The fame game

Who won the Perrier-Jouët Selfridges Design Prize this year? Don’t know? Well, nobody did. Because the prize, inaugurated, ooh way back in 2001, no longer exists. Even the Selfridges press office had never heard of it. Sic transit gloria mundi. And so, despite other initiatives, British design still lacks its equivalent of the Booker and Turner prizes. It’s not for want of trying

The Perrier-Jouët Selfridges prize came with a cheque for £20,000 and had a heavily publicized shortlist of variously colourful and baffling contestants. It was a blatant attempt to put design on a par with literature and art. The Design Museum has in effect taken over the reins now with its Designer of the Year award.

Now, the Design Council, of all organizations, has confessed that it is concerned designers aren’t ‘recognized’ enough. Prompted apparently by Jonathan Ive’s being awarded a CBE in the New Year Honours List (how famous is that?), the Council in February asked a panel of experts who in design ‘is due for time in the spotlight’ and how they should be recognized.

This is not the same as arguing that the value of design is insufficiently recognized by British industry, which has been the Council’s message since time immemorial, and which receives its latest iteration in the Cox Report published last November. Far from it. This sends practically the opposite message to industry. In its desperate attempt to turn designers into celebrities and pander to the government’s infatuation with the ‘creative industries’, the Council neglects product and process at the expense of personality. This may be forgivable in Hollywood where nobody blames famous actors for lousy films, but here it sends a dangerous signal that design is transient, trivial and disposable. The Design Council in any previous era of its 57 years’ incarnation would be appalled at the cosmic scale of the misjudgement.

Consider for a moment what a world of design people as celebrities might be like. Come on down, Ron and Jasper and Alice, Hilary and James and Neville. How would they fare in the jungle with Ant and Dec? Could they banter amusingly with Graham Norton? How penetrating would be their insights into the national condition on Question Time?

There is a reason why ‘recognition’ is beside the point and why these awards don‘t work. They build on a woeful misunderstanding of what design actually is. Design is complex, collaborative, commercial, and essentially anonymous. This is true for good design, and it’s true, bad designers will be relieved to know, for bad.

Booker Prize-winning novels are written by authors toiling alone with a blank piece of paper. Turner Prizes are won by artists pursuing their individual path. But even the simplest design involves the contribution of others—ergonomists, engineers, printers, manufacturing specialists and so on. These days, it also often demands the participation of psychologists, anthropologists, ethnographers, market researchers, materials scientists, modelmakers and, increasingly, the future users themselves, not only in focus groups and interviews but taking an active role for example participating in scenarios to evaluate prototype designs.

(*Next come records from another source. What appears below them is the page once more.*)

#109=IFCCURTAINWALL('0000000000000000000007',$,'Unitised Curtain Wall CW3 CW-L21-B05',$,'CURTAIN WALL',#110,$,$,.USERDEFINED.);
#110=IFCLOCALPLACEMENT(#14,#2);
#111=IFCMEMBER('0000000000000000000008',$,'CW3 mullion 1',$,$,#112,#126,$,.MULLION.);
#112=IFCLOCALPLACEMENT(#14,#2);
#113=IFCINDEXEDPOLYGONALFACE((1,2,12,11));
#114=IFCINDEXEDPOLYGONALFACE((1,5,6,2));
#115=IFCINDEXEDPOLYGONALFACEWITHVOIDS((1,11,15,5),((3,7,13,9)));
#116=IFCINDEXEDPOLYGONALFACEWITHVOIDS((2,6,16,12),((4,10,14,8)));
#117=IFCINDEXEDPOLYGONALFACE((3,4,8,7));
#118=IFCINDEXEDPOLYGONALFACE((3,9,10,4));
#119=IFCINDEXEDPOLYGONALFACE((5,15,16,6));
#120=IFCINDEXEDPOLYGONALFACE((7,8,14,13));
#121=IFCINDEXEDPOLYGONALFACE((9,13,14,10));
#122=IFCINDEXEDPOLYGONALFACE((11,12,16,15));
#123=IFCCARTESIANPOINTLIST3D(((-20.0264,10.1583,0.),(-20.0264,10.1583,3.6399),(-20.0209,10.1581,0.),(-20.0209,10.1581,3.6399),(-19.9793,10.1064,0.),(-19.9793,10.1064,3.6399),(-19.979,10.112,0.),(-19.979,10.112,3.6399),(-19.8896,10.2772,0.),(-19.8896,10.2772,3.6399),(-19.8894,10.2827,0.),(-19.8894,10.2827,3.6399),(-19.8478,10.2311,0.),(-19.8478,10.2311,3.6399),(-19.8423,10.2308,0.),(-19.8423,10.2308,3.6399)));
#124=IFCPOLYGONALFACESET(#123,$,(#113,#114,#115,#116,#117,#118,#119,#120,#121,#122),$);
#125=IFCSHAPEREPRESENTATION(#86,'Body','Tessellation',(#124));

A novel or a work of art is produced by artists to standards they set for themselves for others to admire or ignore. Designs, or as they used to be called, products, are produced for clients to make, market and sell. One is characterized by creative freedom, the other by practical constraints, as the great (but not celebrity) designer Charles Eames appreciated.

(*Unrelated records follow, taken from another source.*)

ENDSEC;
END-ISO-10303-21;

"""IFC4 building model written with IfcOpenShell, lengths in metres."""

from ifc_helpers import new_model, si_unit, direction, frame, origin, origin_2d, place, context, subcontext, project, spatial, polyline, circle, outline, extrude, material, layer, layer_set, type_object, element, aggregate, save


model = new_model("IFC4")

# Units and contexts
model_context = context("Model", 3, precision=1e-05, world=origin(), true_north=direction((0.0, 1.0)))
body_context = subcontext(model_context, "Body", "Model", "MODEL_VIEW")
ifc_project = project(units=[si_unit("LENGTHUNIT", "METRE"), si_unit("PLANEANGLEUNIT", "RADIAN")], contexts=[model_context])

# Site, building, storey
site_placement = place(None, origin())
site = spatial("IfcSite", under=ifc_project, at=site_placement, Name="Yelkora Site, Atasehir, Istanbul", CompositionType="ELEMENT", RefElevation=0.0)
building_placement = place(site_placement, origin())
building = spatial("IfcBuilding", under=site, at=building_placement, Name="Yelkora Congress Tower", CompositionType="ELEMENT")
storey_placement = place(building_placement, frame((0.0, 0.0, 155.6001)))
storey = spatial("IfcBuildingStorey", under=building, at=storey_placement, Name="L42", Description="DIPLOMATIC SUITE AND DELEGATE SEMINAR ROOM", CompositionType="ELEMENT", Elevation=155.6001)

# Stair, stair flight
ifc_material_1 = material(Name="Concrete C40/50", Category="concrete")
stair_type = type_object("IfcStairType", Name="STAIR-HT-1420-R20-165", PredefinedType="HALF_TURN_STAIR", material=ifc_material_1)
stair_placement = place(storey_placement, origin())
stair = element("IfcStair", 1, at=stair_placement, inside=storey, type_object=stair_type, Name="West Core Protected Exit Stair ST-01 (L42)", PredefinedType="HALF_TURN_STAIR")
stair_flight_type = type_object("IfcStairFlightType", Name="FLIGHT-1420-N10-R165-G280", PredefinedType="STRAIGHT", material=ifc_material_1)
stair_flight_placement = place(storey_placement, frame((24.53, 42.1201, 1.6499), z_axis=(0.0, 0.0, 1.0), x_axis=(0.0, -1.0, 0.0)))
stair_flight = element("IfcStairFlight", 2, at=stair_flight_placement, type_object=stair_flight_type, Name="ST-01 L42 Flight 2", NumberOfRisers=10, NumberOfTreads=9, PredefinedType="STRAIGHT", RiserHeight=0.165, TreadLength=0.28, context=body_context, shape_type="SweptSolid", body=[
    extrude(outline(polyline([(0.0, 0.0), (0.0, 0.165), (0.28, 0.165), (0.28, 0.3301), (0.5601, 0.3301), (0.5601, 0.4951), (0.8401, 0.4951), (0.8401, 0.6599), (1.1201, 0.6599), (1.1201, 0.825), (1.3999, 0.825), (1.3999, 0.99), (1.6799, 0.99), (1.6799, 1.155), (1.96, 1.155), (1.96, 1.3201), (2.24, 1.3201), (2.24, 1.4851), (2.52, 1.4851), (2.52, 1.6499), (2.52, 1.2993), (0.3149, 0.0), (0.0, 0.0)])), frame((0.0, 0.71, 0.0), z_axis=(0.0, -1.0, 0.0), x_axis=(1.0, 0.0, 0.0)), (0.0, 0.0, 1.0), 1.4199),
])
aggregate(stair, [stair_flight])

But above all, design is essentially anonymous. There is not only no need to know who designed your cooker or your credit card, it is in many cases a distraction to know. It interferes with simply using the object. This may seem hard to take. But designers do gain their reward not in heaven but here on earth. For anonymity is simply the price they pay for ubiquity.

A truly successful design is manufactured in millions. Thousands upon thousands of British homes have lavatories designed by Robin Levien, but how many users of his designs have the faintest idea who he is? And who needs to know? Perhaps the most abundant single design of all is the standard CD case. Chances are you have more of these things in your possession than Biros or paperclips or all the other apocryphal designs of ubiquity. The vast majority of CD cases are produced to an agreed uniform design. They are pressed out in their billions. Once upon a time, it had a designer. I know his name, as it happens. But I’m not telling, or some starry-eyed mandarin who’s been watching too much television will probably give him an award.

He has his award—the ubiquity. That’s his compensation for being, like the rest of us, unknown. Designers’ success is measured in how far they get their designs out there, not in column inches and prime time bons mots. Now, get back to work.